June 14, 2013 6:42 pm

Sale of the centuries

Martin Sandbu enjoys an eclectic tour through 3,000 years of monetary history

Money: The Unauthorised Biography, by Felix Martin, Bodley Head, RRP£20, 327 pages

 

What is money? Even those able to talk fluently about repo transactions, collateralised debt obligations and quantitative easing may struggle to provide an answer. For as Felix Martin explains in his engaging “unauthorised biography” of this slipperiest of subjects, money is to us what water is for fish – so central to our existence that understanding it requires some conceptual effort.

The first thing to appreciate is that there is more to money than coins and currency. Martin thinks a misconception of money’s nature – according to which it is simply the commodity used to carry out trans­actions and can therefore be treated just like any other market good – is at the root of policy makers’ neglect of bubbles and their poor handling of financial crises.

Money opens with two exotic illustrations of Martin’s point. The first is the Pacific island of Yap, whose currency consisted of fei, huge stone wheels up to 12 feet in diameter. They were hardly ever moved to facilitate transactions – much like modern electronic bank accounts, they were symbolic representations of value, and they could change owner without changing hands. (Indeed, one was lost at sea, without this for a moment jeopardising the owner’s wealth.) The second is Homeric poetry. The Iliad and Odyssey, Martin writes, are a “vivid and detailed description of the age immediately before the invention of money”.

Both examples serve to undermine one of the book’s main targets: the conventional view that money was invented to overcome the impracticality of barter. The subsistence economies of the Homeric epics have no money, but no barter either – goods are transacted through war loot, gift exchange or sacrificial sharing rituals. The Yap, for their part, show that money does not need to be physically exchanged for bartered goods to play a role in exchange.

For Martin, money is as simple – and as hard to pin down – as this. It consists of obligations disembedded from particular social relationships: creditworthy claims that are freely transferable to third parties. That goes most obviously for “legal tender”, or currency backed by a sovereign. But private money – IOUs, private clearing systems – will “work” to the extent that they satisfy these criteria. And as Martin shows, the history of money is a narrative of rulers’ struggle with private users and issuers of credit – above all, bankers. Indeed, the story of our current crisis is one of private credit breaking its bounds.

Martin has trained in Classics as well as economics, and his book is so replete with literary and historical examples that the story almost tells itself. He passes the test that Harvard’s Dani Rodrik recently proposed on his blog: “To become a true economist, you need to do all sorts of reading – from history, sociology and political science, among other disciplines – that you are never required to do as a graduate student”.

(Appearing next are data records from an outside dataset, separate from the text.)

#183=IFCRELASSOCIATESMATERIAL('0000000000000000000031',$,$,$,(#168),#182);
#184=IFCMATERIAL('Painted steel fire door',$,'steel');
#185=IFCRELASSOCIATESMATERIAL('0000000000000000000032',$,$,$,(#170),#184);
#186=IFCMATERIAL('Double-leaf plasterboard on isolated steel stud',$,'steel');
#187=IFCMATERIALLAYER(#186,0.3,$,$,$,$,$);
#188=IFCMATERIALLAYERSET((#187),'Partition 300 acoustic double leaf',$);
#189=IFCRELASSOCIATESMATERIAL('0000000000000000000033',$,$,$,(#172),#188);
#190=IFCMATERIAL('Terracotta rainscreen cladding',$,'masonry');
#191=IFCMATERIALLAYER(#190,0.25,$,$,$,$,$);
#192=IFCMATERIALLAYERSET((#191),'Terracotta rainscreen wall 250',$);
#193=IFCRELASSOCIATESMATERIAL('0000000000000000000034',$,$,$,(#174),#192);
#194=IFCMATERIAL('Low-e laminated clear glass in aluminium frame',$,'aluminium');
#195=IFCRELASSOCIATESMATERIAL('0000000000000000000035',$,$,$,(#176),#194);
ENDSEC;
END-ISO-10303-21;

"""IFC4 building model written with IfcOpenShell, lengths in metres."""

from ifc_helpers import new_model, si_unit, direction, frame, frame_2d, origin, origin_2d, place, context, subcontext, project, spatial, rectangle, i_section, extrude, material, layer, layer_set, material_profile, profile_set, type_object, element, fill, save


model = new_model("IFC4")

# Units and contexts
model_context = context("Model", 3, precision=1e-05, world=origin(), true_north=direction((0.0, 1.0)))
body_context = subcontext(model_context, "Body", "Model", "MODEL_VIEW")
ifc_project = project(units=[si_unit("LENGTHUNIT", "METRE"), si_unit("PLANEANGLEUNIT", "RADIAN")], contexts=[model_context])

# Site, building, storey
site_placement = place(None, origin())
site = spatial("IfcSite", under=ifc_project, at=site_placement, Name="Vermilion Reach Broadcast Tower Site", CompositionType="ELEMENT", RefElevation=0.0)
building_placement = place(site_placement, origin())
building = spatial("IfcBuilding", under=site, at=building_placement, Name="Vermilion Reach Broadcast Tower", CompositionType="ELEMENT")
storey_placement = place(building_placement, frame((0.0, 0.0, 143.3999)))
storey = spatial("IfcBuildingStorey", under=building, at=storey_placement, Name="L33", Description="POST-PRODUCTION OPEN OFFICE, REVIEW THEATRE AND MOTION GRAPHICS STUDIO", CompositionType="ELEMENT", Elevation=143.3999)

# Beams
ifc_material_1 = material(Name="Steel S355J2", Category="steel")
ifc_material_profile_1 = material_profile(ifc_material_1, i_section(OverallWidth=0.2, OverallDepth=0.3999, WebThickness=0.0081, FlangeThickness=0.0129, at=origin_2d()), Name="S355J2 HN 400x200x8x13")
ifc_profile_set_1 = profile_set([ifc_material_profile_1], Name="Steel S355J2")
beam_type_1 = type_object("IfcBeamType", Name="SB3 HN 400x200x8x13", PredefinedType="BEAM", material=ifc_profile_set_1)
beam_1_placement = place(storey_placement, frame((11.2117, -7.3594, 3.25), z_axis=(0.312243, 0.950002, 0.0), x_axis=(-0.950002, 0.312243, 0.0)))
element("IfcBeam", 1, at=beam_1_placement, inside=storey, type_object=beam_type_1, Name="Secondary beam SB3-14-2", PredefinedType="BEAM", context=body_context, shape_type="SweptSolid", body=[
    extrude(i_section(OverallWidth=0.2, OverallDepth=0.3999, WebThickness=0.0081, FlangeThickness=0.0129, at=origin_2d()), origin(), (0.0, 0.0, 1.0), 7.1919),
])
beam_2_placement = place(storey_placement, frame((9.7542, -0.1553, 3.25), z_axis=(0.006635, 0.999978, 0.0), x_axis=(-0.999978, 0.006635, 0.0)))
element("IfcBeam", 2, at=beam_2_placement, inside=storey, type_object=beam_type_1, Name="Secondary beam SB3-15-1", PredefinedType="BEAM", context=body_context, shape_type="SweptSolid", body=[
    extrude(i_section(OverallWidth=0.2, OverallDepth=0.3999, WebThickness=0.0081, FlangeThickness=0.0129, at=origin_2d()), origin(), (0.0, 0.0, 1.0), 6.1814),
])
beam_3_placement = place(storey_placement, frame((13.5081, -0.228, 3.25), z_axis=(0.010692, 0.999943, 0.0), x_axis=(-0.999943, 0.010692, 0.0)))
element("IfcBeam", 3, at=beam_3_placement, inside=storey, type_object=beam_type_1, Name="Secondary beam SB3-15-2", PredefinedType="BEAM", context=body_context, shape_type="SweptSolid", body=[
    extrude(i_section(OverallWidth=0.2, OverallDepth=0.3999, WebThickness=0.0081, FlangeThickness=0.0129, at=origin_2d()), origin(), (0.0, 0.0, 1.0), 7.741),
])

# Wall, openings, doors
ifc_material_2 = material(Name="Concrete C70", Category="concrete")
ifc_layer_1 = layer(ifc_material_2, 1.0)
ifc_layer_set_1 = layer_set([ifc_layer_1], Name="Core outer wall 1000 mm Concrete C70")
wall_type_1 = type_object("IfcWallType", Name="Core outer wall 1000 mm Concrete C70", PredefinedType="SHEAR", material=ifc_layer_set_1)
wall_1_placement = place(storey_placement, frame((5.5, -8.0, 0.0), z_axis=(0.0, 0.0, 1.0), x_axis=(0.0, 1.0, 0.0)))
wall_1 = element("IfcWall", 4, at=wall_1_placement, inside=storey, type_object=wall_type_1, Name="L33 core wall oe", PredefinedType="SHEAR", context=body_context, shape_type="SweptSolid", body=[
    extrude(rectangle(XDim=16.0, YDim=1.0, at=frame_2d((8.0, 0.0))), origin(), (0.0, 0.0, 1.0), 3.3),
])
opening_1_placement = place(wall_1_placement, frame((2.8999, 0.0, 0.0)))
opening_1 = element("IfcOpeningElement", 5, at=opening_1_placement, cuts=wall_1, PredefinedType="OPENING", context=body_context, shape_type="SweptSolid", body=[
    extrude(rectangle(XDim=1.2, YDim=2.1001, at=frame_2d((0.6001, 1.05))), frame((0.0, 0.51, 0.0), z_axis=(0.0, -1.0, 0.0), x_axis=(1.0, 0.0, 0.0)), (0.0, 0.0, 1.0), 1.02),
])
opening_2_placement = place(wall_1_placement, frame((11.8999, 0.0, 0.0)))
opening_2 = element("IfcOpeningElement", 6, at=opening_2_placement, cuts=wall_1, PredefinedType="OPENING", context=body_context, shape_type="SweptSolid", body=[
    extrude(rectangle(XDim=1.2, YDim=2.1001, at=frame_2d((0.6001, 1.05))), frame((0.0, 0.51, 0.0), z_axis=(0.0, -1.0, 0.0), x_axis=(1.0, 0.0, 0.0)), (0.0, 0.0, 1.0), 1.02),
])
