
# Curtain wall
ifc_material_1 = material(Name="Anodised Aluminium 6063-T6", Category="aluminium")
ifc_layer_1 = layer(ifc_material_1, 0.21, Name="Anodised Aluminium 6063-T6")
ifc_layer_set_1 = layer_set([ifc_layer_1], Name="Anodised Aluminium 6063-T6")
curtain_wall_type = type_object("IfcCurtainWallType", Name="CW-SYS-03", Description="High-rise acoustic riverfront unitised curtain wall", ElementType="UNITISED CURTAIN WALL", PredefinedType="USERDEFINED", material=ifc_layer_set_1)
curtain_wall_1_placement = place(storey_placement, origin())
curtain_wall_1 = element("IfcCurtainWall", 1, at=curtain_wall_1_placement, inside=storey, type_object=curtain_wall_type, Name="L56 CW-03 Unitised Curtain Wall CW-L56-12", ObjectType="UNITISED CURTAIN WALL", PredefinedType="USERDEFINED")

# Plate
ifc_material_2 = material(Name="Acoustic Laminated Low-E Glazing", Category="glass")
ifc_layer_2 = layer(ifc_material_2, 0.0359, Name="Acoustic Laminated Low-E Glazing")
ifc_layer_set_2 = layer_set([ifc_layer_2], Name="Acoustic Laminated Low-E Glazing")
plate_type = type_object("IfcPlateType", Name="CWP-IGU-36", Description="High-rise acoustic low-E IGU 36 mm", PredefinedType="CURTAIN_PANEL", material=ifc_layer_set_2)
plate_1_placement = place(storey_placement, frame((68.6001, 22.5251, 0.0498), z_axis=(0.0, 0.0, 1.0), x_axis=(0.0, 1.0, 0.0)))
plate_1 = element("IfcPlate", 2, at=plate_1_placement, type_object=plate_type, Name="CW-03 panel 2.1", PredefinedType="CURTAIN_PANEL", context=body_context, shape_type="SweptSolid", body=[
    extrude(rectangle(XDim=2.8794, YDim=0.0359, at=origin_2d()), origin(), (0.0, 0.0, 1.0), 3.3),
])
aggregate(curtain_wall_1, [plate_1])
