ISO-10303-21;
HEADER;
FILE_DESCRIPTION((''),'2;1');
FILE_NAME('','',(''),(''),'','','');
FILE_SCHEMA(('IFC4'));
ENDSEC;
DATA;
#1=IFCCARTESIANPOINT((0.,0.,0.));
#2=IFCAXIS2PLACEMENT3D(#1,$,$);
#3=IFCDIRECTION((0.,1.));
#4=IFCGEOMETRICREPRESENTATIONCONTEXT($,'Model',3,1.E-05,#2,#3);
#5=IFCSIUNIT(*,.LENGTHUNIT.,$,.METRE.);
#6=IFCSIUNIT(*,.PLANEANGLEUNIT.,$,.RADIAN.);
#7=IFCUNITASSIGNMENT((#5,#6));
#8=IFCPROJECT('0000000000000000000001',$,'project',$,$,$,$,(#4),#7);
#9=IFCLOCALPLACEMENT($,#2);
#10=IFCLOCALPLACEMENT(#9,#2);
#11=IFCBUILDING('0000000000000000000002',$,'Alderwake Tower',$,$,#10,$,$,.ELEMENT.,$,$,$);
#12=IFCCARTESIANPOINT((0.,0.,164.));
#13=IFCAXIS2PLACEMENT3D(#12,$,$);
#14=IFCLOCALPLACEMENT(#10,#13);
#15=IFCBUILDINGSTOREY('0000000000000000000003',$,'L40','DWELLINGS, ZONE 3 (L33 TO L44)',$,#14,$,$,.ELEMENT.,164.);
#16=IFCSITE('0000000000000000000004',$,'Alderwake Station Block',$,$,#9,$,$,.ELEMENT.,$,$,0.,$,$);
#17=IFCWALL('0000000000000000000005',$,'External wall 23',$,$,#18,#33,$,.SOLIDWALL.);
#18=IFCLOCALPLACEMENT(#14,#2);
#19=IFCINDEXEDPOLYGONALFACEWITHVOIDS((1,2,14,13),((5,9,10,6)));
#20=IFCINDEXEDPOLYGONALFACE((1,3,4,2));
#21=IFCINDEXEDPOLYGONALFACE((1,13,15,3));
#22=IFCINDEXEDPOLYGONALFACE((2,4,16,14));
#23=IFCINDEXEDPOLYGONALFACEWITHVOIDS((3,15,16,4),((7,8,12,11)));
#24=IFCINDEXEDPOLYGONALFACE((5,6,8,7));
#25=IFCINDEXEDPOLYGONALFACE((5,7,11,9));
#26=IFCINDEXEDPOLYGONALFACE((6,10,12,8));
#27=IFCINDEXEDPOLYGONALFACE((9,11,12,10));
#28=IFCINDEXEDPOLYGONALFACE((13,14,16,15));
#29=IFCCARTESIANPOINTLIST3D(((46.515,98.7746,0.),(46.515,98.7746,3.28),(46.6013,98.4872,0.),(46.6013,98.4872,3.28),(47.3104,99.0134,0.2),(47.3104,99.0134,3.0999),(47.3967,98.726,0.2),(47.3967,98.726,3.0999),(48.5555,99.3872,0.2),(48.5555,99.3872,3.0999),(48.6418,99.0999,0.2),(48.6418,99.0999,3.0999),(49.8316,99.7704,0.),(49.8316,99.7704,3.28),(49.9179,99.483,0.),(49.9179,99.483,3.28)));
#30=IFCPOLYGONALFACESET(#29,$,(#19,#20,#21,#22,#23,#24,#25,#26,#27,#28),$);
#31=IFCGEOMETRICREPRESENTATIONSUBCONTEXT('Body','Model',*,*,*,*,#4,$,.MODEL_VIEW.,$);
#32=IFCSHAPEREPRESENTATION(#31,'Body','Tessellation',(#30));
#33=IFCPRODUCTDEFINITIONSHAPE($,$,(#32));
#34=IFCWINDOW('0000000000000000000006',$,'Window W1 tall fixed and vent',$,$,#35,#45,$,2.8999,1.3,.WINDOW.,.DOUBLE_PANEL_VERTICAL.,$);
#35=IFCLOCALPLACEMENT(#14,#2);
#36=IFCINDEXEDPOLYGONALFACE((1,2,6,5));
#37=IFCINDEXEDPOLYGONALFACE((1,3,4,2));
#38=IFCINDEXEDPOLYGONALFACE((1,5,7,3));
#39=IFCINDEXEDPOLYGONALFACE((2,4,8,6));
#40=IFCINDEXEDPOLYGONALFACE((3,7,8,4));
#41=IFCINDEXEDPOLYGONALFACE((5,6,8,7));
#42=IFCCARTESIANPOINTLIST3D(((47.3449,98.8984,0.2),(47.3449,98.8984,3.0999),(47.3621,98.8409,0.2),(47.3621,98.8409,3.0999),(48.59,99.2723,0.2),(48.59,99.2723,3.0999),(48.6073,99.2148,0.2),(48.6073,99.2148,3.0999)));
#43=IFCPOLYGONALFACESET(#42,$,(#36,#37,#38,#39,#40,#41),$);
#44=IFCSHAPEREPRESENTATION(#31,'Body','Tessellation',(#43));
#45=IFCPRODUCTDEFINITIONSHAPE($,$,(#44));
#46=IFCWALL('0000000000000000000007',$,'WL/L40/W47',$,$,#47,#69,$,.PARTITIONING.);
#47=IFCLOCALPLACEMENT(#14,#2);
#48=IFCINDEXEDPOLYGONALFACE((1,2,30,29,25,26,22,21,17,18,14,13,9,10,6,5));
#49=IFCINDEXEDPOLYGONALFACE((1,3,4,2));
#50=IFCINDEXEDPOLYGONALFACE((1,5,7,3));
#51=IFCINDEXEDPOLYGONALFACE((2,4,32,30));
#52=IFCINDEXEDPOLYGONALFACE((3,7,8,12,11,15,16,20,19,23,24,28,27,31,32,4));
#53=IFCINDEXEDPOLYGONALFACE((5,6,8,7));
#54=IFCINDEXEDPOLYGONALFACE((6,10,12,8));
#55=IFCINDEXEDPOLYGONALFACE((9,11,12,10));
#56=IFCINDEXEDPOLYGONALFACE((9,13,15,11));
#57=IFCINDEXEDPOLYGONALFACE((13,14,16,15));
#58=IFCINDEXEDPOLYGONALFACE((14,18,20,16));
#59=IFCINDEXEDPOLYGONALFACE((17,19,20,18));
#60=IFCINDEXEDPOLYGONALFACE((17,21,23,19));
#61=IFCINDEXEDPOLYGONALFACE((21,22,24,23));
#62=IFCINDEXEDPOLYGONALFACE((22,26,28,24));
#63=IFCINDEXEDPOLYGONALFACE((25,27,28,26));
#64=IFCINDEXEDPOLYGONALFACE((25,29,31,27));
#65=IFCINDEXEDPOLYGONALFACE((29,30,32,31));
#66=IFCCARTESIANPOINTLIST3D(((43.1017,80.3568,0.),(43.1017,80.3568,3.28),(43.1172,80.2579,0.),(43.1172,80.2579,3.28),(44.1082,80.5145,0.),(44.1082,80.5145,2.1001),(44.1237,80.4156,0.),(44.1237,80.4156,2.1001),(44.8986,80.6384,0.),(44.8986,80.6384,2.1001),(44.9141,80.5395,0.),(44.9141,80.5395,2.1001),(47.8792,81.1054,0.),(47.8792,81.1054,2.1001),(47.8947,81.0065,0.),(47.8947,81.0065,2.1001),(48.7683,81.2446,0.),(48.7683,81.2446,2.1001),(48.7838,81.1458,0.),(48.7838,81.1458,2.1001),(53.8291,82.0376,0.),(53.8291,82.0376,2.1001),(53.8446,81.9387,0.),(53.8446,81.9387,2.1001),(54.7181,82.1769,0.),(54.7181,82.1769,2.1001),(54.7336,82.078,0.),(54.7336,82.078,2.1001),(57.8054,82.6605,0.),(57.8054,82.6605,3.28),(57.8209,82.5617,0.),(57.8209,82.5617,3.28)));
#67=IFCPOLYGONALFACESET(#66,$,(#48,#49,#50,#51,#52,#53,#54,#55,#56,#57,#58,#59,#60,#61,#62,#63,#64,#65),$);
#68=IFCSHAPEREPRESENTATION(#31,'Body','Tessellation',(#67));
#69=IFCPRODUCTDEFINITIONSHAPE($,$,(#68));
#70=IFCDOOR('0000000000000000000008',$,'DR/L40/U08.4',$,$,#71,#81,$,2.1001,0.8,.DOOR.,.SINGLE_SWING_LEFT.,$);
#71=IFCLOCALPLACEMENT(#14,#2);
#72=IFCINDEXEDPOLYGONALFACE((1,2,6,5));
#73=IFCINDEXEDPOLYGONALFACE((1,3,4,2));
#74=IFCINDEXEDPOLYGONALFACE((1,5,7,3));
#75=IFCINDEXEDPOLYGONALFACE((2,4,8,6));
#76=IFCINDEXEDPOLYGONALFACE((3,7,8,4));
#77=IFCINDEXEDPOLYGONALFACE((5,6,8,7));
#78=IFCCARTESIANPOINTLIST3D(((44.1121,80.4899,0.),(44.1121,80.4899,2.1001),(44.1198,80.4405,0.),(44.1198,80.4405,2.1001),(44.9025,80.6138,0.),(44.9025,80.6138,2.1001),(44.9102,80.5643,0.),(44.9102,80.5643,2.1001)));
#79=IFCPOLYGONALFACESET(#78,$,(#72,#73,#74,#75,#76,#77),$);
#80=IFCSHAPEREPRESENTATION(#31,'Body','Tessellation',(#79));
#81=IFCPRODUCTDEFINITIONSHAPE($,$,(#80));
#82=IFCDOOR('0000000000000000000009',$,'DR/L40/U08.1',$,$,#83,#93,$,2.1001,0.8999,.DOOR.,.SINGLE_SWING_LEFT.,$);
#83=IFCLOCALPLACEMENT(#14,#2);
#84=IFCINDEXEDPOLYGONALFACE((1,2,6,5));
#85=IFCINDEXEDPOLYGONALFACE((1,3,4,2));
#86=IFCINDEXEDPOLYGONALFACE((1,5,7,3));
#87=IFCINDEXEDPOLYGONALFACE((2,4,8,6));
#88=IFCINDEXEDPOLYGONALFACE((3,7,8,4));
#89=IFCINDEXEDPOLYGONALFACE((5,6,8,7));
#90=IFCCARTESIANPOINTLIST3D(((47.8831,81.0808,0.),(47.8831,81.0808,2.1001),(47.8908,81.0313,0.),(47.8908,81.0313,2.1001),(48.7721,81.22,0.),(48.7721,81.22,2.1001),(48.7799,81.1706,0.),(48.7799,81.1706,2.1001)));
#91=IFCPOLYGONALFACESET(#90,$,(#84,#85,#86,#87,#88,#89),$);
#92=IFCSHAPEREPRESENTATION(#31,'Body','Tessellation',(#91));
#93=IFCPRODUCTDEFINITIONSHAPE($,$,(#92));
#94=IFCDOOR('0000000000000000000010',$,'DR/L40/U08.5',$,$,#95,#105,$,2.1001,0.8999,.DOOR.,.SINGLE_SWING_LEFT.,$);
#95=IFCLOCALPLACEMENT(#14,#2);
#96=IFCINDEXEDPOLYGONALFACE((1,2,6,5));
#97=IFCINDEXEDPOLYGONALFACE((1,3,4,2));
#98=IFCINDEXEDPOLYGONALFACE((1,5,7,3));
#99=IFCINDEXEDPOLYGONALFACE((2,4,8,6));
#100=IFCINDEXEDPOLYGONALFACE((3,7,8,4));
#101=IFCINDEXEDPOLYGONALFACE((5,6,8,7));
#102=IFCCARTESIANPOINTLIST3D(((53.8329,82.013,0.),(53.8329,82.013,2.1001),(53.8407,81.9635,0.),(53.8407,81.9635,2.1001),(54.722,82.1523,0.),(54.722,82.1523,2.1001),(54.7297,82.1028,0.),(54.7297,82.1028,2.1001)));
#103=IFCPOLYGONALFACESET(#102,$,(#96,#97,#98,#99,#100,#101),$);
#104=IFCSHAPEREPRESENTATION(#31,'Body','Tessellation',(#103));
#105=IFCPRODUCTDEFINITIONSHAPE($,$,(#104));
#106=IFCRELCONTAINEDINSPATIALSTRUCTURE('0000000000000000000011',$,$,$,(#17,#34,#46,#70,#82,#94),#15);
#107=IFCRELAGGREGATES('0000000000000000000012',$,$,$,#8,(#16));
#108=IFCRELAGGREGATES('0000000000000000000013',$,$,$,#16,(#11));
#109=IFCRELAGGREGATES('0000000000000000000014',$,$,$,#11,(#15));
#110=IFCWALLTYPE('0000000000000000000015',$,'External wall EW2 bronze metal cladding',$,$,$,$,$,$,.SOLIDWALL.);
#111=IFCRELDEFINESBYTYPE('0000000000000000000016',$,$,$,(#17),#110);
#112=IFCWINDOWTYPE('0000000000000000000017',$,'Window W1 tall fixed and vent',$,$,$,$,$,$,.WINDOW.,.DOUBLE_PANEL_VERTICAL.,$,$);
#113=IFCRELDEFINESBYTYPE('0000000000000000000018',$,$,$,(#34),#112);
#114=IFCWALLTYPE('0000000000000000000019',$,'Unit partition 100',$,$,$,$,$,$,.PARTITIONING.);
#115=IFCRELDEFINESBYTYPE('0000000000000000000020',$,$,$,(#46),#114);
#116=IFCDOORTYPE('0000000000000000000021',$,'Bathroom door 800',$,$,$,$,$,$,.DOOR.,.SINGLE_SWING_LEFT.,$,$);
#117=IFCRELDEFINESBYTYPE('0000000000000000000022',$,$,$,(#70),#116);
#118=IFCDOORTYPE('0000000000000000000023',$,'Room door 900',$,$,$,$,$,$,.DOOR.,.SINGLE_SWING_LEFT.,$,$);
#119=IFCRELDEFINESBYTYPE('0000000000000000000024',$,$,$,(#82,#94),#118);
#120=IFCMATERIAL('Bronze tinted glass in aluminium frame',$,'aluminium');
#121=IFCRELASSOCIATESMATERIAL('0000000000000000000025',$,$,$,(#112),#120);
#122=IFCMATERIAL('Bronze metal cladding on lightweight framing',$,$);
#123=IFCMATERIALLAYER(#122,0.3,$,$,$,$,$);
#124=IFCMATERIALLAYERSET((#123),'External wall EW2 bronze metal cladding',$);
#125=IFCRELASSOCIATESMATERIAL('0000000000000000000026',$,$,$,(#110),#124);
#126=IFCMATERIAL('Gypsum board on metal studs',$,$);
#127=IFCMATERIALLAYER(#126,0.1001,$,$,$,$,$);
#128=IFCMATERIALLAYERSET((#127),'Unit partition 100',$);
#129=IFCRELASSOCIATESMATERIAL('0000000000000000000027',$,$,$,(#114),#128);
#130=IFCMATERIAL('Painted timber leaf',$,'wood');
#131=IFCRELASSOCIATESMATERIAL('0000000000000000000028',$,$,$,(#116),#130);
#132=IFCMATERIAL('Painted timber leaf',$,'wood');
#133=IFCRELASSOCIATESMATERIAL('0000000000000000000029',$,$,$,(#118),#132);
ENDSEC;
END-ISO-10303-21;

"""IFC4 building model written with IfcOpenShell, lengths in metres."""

from ifc_helpers import new_model, si_unit, direction, frame, frame_2d, origin, place, context, subcontext, project, spatial, rectangle, extrude, material, layer, layer_set, type_object, element, fill, save


model = new_model("IFC4")

# Units and contexts
model_context = context("Model", 3, precision=1e-05, world=origin(), true_north=direction((0.0, 1.0)))
body_context = subcontext(model_context, "Body", "Model", "MODEL_VIEW")
ifc_project = project(units=[si_unit("LENGTHUNIT", "METRE"), si_unit("PLANEANGLEUNIT", "RADIAN")], contexts=[model_context])

# Site, building, storey
site_placement = place(None, origin())
site = spatial("IfcSite", under=ifc_project, at=site_placement, Name="Alderwake Station Block", CompositionType="ELEMENT", RefElevation=0.0)
building_placement = place(site_placement, origin())
building = spatial("IfcBuilding", under=site, at=building_placement, Name="Alderwake Tower", CompositionType="ELEMENT")
storey_placement = place(building_placement, frame((0.0, 0.0, 164.0)))
storey = spatial("IfcBuildingStorey", under=building, at=storey_placement, Name="L40", Description="DWELLINGS, ZONE 3 (L33 TO L44)", CompositionType="ELEMENT", Elevation=164.0)

# Shared definitions
ifc_material_1 = material(Name="Bronze tinted glass in aluminium frame", Category="aluminium")
window_type = type_object("IfcWindowType", Name="Window W1 tall fixed and vent", PartitioningType="DOUBLE_PANEL_VERTICAL", PredefinedType="WINDOW", material=ifc_material_1)

# Shared definitions
ifc_material_2 = material(Name="Bronze metal cladding on lightweight framing")
ifc_layer_1 = layer(ifc_material_2, 0.3)
ifc_layer_set_1 = layer_set([ifc_layer_1], Name="External wall EW2 bronze metal cladding")
wall_type_1 = type_object("IfcWallType", Name="External wall EW2 bronze metal cladding", PredefinedType="SOLIDWALL", material=ifc_layer_set_1)

# Wall, opening, window
wall_1_placement = place(storey_placement, frame((49.8748, 99.6267, 0.0), z_axis=(0.0, 0.0, 1.0), x_axis=(-0.957758, -0.287574, 0.0)))
wall_1 = element("IfcWall", 1, at=wall_1_placement, inside=storey, type_object=wall_type_1, Name="External wall 23", PredefinedType="SOLIDWALL", context=body_context, shape_type="SweptSolid", body=[
    extrude(rectangle(XDim=3.4629, YDim=0.3, at=frame_2d((1.7314, 0.0))), origin(), (0.0, 0.0, 1.0), 3.28),
])
opening_1_placement = place(wall_1_placement, frame((1.3325, 0.0, 0.2)))
opening_1 = element("IfcOpeningElement", 2, at=opening_1_placement, cuts=wall_1, PredefinedType="OPENING", context=body_context, shape_type="SweptSolid", body=[
    extrude(rectangle(XDim=1.3, YDim=2.8999, at=frame_2d((0.6499, 1.45))), frame((0.0, 0.1599, 0.0), z_axis=(0.0, -1.0, 0.0), x_axis=(1.0, 0.0, 0.0)), (0.0, 0.0, 1.0), 0.3201),
])
window_1_placement = place(opening_1_placement, origin())
window_1 = element("IfcWindow", 3, at=window_1_placement, inside=storey, type_object=window_type, Name="Window W1 tall fixed and vent", OverallHeight=2.8999, OverallWidth=1.3, PartitioningType="DOUBLE_PANEL_VERTICAL", PredefinedType="WINDOW", context=body_context, shape_type="SweptSolid", body=[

Yet there is little that is original in Martin’s definition of money as transferable credit rather than pieces of metal, or, indeed, in most of the book. That the barter story is false is a mainstream anthropological view. His account of the social and philosophical doubts about market society owes much to Albert Hirschman’s The Passions and the Interests (1977). This is not a criticism, for Money is a superb synthesis that deserves to be read on this basis alone. But it does mean that his analysis can seem limited to readers who know the subject.

Martin takes well-rehearsed problems of market society – the depersonalisation of human relations and the flattening of value to a single dimension – as being above all a problem of monetary society. Money, of course, plays an important part in these processes. But whether a market society can work is part of a deeper, and older, inquiry about whether self-interest is compatible with virtue, and not only in the commercial sphere. As scholars such as John Parrish have explained, this concerned thinkers during epochs that were much less comprehensively monetised than the ones Martin considers.

It is simplistic, for example, to suggest the economics profession did not see the crisis coming (which is true) because it held on to a theory that saw money as simply commodity currency. The real problem was not a failure to understand that money is credit; it was the false belief that demand and the supply of credit equilibrate in a stable, socially efficient fashion – from which it would follow that the amount of money or credit circulating was of little consequence.

But if Martin’s thesis occasionally falters, his narrative never does. As a lucid, colourful introduction to 3,000 years of monetary history, it is worth its weight in fei.